# Myrtle Beach



## treydunn48 (Apr 9, 2008)

I was hopeing that someone knew of a few good websites to help me find a house between 1200 and 3000 dollars as a rough estimate for aproximately a week?


----------



## GCGuy (Oct 22, 2008)

Hope this helps:
http://www.google.com/#sclient=psy&...ql=&oq=&pbx=1&bav=on.1,or.&fp=42ea6e12edc6080

Closer to GC pier:

http://www.google.com/#sclient=psy&...bav=on.1,or.&fp=42ea6e12edc6080&pf=p&pdl=3000

Good luck!!!

GC


----------



## hpierce301 (Jan 24, 2011)

http://elliottrealty.com/

http://www.grandstrandvacations.com/


----------



## fshnjoe (Sep 11, 2008)

http://www.vrbo.com/vacation-rentals/usa/south-carolina/myrtle-beach/myrtle-beach

try this, my son got a good deal


----------



## hpierce301 (Jan 24, 2011)

when you planning on going?


----------



## treydunn48 (Apr 9, 2008)

Im planning on going around 6/18-25 and do you know of any people or companies that rent to someone say 20 or 21 and not 25???


----------



## tripleheetheet (Feb 26, 2011)

wats closest peir to sea mist?/1200 South Ocean Boulevard


----------



## jhammon30 (May 3, 2010)

I just stayed at True Blue resorts in pawley's island.
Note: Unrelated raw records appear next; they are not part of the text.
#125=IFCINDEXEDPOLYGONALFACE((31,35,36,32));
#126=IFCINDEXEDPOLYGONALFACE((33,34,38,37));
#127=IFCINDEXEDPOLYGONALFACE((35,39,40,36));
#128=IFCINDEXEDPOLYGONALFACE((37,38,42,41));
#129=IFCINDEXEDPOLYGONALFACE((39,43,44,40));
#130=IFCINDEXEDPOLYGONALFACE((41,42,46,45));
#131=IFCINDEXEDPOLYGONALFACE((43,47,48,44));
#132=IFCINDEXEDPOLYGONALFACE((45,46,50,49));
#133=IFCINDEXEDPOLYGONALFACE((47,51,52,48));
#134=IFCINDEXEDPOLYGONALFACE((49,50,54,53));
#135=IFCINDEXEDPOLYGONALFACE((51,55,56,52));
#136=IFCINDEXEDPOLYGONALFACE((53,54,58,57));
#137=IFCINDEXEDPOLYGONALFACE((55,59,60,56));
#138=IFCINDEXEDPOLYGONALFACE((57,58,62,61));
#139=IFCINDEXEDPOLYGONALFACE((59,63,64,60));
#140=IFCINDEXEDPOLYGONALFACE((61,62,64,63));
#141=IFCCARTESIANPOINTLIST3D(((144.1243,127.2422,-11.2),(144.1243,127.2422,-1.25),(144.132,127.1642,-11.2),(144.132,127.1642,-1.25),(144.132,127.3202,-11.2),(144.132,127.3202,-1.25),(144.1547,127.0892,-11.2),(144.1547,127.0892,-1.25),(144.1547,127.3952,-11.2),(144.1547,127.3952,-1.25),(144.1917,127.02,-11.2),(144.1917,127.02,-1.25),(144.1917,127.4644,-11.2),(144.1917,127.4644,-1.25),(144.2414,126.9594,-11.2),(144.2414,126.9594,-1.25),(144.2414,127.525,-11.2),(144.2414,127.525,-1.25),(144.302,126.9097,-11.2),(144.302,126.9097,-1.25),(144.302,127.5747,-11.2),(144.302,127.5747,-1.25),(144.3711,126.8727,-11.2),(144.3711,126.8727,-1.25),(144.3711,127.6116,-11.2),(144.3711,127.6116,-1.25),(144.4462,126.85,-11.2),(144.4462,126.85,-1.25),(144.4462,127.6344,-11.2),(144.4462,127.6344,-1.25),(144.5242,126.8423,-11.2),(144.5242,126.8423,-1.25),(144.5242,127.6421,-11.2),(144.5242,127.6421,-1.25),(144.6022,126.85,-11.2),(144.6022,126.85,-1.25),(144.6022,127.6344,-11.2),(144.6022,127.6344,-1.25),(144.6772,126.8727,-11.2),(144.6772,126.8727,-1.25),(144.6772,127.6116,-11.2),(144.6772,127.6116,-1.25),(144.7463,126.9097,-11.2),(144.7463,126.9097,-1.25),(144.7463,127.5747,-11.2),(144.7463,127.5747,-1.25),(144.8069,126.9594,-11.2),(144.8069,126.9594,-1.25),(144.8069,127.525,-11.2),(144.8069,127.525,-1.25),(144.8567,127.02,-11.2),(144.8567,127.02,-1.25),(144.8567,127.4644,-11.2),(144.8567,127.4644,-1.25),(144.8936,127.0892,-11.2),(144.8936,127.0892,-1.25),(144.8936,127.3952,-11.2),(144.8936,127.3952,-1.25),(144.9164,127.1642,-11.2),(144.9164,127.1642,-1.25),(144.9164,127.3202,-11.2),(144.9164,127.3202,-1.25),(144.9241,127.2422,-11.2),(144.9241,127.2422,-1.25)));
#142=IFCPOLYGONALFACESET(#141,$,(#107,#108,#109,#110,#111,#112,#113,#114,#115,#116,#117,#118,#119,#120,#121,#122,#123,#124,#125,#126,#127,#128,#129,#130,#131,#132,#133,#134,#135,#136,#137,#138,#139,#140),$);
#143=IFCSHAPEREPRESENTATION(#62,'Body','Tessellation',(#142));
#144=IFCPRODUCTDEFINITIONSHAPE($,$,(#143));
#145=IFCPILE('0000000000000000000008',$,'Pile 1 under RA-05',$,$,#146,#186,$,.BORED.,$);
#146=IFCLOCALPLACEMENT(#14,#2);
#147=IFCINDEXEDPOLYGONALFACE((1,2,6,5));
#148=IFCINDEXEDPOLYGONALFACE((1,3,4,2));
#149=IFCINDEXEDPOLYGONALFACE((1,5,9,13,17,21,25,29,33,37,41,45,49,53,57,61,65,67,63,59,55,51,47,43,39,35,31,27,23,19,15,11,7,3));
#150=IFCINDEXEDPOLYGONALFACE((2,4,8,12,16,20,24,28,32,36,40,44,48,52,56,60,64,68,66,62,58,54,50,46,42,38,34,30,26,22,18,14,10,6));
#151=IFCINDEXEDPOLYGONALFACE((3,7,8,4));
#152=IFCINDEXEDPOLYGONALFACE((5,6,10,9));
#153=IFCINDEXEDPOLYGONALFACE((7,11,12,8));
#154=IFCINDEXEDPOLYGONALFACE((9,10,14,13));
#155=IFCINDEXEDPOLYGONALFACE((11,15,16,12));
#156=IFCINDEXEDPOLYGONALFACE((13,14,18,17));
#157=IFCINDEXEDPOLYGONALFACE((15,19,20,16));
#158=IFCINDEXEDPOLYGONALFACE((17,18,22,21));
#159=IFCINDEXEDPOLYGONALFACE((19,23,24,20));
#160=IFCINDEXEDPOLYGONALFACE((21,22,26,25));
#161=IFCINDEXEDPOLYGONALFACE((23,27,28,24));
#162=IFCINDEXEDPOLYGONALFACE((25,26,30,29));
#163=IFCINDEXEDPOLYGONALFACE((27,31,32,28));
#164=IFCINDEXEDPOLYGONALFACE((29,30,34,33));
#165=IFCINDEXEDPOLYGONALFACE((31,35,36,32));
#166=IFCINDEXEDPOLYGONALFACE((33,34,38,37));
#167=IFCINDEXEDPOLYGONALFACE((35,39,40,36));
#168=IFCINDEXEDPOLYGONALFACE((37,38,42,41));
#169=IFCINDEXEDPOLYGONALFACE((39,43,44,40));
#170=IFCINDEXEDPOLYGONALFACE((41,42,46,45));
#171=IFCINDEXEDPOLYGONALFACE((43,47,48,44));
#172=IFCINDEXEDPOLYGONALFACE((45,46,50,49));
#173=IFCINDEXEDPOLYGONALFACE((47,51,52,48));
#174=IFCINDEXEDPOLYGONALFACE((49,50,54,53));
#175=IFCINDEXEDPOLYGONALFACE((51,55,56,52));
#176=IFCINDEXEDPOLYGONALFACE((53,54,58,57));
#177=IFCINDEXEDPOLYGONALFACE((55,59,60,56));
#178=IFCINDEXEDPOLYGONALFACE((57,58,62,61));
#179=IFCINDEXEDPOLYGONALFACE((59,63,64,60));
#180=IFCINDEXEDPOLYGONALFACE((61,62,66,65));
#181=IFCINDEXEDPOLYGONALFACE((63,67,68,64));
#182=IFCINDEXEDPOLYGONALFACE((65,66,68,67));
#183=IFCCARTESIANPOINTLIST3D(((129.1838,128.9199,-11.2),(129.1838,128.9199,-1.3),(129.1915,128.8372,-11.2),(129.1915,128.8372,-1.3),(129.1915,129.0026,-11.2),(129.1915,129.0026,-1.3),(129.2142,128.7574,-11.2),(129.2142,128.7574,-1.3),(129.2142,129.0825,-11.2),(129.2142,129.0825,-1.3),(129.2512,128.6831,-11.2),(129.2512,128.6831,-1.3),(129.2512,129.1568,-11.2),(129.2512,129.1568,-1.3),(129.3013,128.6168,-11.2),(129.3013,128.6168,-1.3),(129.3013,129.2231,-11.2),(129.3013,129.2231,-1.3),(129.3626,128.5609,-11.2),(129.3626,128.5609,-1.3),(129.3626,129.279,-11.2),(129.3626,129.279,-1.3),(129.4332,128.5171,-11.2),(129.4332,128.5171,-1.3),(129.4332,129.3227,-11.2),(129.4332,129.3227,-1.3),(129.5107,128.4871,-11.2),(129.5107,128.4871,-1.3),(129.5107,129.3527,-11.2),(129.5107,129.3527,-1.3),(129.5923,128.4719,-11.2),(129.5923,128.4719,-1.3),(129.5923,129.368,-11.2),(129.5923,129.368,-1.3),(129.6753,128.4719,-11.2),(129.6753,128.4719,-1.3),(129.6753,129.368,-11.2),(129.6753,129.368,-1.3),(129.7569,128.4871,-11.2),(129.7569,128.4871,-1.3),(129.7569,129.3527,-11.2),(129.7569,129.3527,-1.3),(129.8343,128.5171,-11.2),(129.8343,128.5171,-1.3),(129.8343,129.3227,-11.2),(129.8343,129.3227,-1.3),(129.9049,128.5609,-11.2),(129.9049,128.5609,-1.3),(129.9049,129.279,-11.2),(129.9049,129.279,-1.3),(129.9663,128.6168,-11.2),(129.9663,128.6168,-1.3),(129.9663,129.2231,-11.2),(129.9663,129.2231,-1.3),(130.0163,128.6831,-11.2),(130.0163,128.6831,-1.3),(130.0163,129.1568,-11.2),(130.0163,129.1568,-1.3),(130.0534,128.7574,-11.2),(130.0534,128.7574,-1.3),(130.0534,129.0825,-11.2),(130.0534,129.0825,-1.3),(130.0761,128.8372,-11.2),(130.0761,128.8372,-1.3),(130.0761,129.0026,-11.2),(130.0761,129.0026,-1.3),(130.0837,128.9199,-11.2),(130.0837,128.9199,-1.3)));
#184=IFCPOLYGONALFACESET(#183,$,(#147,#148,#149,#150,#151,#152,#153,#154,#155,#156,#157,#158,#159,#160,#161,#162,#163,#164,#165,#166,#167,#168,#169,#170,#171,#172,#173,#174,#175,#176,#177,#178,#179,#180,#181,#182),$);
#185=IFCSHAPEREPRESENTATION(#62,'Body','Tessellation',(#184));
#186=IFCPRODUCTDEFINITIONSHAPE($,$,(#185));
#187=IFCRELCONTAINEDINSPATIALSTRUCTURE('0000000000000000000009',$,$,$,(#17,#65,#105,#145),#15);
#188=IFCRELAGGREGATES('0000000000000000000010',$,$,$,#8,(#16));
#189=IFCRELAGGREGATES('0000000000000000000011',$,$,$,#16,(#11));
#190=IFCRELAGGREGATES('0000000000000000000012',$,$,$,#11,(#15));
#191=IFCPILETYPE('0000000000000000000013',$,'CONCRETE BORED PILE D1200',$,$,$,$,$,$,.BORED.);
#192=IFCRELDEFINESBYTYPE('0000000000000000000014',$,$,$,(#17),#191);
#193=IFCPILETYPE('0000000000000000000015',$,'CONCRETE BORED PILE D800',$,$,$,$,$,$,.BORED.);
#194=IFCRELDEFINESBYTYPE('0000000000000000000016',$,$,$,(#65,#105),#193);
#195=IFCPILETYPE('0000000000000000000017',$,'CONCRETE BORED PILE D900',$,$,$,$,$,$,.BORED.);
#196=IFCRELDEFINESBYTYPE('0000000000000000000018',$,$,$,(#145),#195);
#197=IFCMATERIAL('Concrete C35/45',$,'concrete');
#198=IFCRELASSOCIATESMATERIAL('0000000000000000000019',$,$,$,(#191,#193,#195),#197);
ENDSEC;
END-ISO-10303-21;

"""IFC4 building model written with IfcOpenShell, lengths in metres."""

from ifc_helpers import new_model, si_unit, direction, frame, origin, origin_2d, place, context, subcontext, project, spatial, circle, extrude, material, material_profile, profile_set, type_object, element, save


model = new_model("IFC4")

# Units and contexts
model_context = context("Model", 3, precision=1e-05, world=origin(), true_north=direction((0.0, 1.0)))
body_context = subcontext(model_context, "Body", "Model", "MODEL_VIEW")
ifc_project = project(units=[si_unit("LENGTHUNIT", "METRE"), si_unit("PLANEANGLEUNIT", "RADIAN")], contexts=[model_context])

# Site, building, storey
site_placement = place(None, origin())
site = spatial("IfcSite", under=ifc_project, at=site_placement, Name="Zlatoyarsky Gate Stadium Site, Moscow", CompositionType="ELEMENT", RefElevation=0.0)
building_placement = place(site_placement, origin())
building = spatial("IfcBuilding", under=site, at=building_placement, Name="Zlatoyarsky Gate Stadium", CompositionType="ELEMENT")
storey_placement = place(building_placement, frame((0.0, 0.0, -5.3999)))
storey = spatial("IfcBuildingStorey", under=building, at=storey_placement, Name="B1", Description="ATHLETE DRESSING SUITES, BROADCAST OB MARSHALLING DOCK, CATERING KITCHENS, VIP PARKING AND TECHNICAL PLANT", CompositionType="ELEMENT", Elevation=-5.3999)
Rates were awesome and the condo was beautiful. Plus unlike most vacation homes you don't have to have things perfectly clean when you leave. I stayed at oceanside village last year and my deposit was kept because a window was left cracked open. The house was cleaned by 4 women and it still didn't pass the inspection. Its just an excuse to keep your security deposit. The people at True Blue were very nice. Its not beach front but it was close enough for me.


----------